I have two kids (also without pain relief during my labor, although my labors were very short)... thought I'd have more after med school before I had the second... now I'm pretty sure I'm done. I will willingly place myself among those who claim to be to selfish to have children - I just didn't realize it until I had a second child. I love everything about my first child - and love everything about my second child, but am having a very hard time maintaining saintliness when I have them both at the same time.
I think part of the problem is that I don't have much outside help. My husband is a great helper, but we don't have family in town and don't really have a babysitter either.
Another problem is probably that I expect too much from myself, many recent discussion with other parents have made me realize that many mothers experience guilt about their parenting and also make a lot of the mistakes that I do. I had fantastic parents and perhaps expect more than is possible from myself.
Anyway, so I probably had one child too many - hate to call it a mistake, it wasn't, I'm glad that both of my children are a part of my life.... anyway, even if it was a mistake, it doesn't matter, I'm a mother to two children. I love them both. Theres nothing I can do about it except do the best that I can. (And probably avoid having more children).
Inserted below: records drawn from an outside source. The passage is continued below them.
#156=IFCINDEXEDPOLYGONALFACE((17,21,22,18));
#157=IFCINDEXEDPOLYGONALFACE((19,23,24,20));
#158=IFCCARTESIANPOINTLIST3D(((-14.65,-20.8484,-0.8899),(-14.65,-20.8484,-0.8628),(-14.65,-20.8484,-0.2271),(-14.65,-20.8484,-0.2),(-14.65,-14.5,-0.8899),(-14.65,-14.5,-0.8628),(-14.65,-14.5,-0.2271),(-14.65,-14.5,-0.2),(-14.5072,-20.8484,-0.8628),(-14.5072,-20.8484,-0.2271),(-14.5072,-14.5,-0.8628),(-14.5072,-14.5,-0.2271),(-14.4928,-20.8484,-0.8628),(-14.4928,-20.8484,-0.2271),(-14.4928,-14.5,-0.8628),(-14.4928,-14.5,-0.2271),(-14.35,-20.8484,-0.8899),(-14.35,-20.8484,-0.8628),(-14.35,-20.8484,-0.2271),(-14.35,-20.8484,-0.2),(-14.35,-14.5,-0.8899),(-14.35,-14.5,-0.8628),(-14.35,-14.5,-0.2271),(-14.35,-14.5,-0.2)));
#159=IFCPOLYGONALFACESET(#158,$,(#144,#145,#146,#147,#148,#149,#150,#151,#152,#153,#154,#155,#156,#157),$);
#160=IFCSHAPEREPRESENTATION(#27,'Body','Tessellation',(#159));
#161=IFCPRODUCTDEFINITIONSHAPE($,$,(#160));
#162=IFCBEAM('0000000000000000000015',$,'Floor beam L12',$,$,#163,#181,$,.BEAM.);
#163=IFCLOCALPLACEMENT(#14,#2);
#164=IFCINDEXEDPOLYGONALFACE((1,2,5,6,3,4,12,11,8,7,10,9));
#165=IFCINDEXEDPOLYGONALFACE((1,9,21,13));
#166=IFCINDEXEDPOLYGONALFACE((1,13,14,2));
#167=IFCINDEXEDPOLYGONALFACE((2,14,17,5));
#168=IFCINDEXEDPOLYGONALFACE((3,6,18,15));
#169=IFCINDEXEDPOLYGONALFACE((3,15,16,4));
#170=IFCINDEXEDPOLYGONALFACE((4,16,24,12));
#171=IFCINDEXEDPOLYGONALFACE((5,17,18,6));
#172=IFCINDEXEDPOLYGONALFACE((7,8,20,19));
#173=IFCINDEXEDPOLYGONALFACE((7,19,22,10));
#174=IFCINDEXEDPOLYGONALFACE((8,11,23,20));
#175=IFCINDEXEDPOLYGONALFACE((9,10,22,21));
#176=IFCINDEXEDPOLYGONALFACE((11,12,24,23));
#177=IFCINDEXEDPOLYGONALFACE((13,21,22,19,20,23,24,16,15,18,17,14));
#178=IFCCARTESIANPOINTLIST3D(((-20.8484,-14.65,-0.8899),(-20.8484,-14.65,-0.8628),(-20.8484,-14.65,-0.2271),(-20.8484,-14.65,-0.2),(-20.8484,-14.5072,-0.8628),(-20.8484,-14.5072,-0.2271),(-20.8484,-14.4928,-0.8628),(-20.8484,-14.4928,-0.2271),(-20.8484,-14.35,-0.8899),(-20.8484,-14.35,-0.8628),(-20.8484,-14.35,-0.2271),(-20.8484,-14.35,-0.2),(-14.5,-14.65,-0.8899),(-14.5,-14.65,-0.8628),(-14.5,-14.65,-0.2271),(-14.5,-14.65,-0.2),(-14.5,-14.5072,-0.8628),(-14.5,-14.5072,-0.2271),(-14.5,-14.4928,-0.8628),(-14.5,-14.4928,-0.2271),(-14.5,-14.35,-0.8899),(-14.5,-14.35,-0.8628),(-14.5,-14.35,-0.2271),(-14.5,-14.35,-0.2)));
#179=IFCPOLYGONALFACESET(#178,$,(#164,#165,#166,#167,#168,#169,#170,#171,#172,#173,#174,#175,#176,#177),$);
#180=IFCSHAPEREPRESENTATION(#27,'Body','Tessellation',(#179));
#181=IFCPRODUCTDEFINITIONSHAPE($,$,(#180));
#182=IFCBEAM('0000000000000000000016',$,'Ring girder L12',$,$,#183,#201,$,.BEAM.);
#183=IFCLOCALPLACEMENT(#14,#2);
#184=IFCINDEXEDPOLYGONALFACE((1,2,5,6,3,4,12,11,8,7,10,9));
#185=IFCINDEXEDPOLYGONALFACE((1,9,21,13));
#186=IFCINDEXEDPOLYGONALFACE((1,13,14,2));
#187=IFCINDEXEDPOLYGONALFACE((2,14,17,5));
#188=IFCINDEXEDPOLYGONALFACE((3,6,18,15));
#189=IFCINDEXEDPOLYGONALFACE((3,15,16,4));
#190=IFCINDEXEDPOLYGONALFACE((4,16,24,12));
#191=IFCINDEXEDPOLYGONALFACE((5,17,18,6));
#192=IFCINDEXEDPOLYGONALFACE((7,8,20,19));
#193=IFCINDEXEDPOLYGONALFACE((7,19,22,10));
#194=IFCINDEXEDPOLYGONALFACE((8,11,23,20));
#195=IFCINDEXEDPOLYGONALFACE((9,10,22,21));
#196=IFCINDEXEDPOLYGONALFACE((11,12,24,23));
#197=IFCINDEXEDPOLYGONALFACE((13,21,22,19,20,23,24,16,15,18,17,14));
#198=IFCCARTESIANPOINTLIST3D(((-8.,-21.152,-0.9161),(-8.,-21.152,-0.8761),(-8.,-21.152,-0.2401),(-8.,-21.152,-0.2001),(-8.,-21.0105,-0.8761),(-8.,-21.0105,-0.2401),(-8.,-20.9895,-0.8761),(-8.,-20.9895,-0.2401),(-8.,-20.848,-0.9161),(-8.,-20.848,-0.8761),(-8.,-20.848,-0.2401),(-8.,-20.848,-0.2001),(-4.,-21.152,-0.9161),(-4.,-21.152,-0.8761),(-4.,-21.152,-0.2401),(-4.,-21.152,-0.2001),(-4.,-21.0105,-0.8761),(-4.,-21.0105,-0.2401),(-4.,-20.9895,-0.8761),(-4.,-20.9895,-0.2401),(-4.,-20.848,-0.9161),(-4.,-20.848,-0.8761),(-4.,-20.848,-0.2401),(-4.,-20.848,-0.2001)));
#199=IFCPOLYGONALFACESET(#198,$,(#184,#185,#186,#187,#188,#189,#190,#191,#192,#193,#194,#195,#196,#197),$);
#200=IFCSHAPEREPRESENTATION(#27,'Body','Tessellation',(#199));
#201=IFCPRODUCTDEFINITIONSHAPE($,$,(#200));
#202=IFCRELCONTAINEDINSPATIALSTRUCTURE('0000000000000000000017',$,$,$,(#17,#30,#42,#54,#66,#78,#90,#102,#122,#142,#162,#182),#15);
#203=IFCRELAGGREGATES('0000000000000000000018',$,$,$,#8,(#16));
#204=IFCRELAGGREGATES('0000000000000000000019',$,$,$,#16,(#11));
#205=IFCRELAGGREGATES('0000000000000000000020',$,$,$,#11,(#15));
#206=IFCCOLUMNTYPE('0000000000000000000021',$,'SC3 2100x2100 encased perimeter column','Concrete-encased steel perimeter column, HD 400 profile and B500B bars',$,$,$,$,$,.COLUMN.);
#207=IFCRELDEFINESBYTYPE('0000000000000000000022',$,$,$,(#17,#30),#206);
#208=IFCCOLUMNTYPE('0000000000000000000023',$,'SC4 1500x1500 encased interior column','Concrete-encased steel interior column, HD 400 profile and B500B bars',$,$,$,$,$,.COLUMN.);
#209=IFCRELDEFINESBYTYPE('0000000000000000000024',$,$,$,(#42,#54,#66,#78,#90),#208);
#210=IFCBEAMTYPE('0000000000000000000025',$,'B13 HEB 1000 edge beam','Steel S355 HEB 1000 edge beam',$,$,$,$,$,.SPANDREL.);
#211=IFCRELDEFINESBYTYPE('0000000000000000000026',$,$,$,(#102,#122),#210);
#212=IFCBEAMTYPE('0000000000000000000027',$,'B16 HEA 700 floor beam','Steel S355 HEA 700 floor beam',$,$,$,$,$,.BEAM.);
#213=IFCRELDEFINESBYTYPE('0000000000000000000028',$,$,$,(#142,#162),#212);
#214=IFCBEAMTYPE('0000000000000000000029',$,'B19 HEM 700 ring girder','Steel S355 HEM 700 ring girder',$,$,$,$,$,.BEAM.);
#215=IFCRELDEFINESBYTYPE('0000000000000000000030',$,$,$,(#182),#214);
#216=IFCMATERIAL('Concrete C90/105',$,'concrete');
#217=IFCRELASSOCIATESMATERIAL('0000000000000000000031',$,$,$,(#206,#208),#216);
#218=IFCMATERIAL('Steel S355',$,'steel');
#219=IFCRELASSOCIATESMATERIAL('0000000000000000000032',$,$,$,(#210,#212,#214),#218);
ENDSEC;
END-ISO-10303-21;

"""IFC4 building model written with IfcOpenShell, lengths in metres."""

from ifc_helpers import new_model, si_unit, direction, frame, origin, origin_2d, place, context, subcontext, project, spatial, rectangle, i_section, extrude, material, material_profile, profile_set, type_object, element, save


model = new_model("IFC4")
Obviously making wise decisions (like for me avoiding a third child) is important, but the truth is, most people won't know what is too much until its too late.
So, perhaps the answer for me is to not go into medicine - well, as previously mentioned, I'm selfish. I'm not happy as a SAHM, in fact, I'm a worse mother as a SAHM than a working mother. So, I need a job, one I enjoy, that will afford us to have a stay at home parent, which will be, most likely, my husband, who is not nearly as motivated as I am (and a better parent).
Anyway, obviously the issue is a complicated one with different answers for different people. I congratulate those who have decided to not have children or to have only one child because its probably a smart decision. I also applaud those who have the patience and love and selflessness within them to raise many children. I wish I was more like you.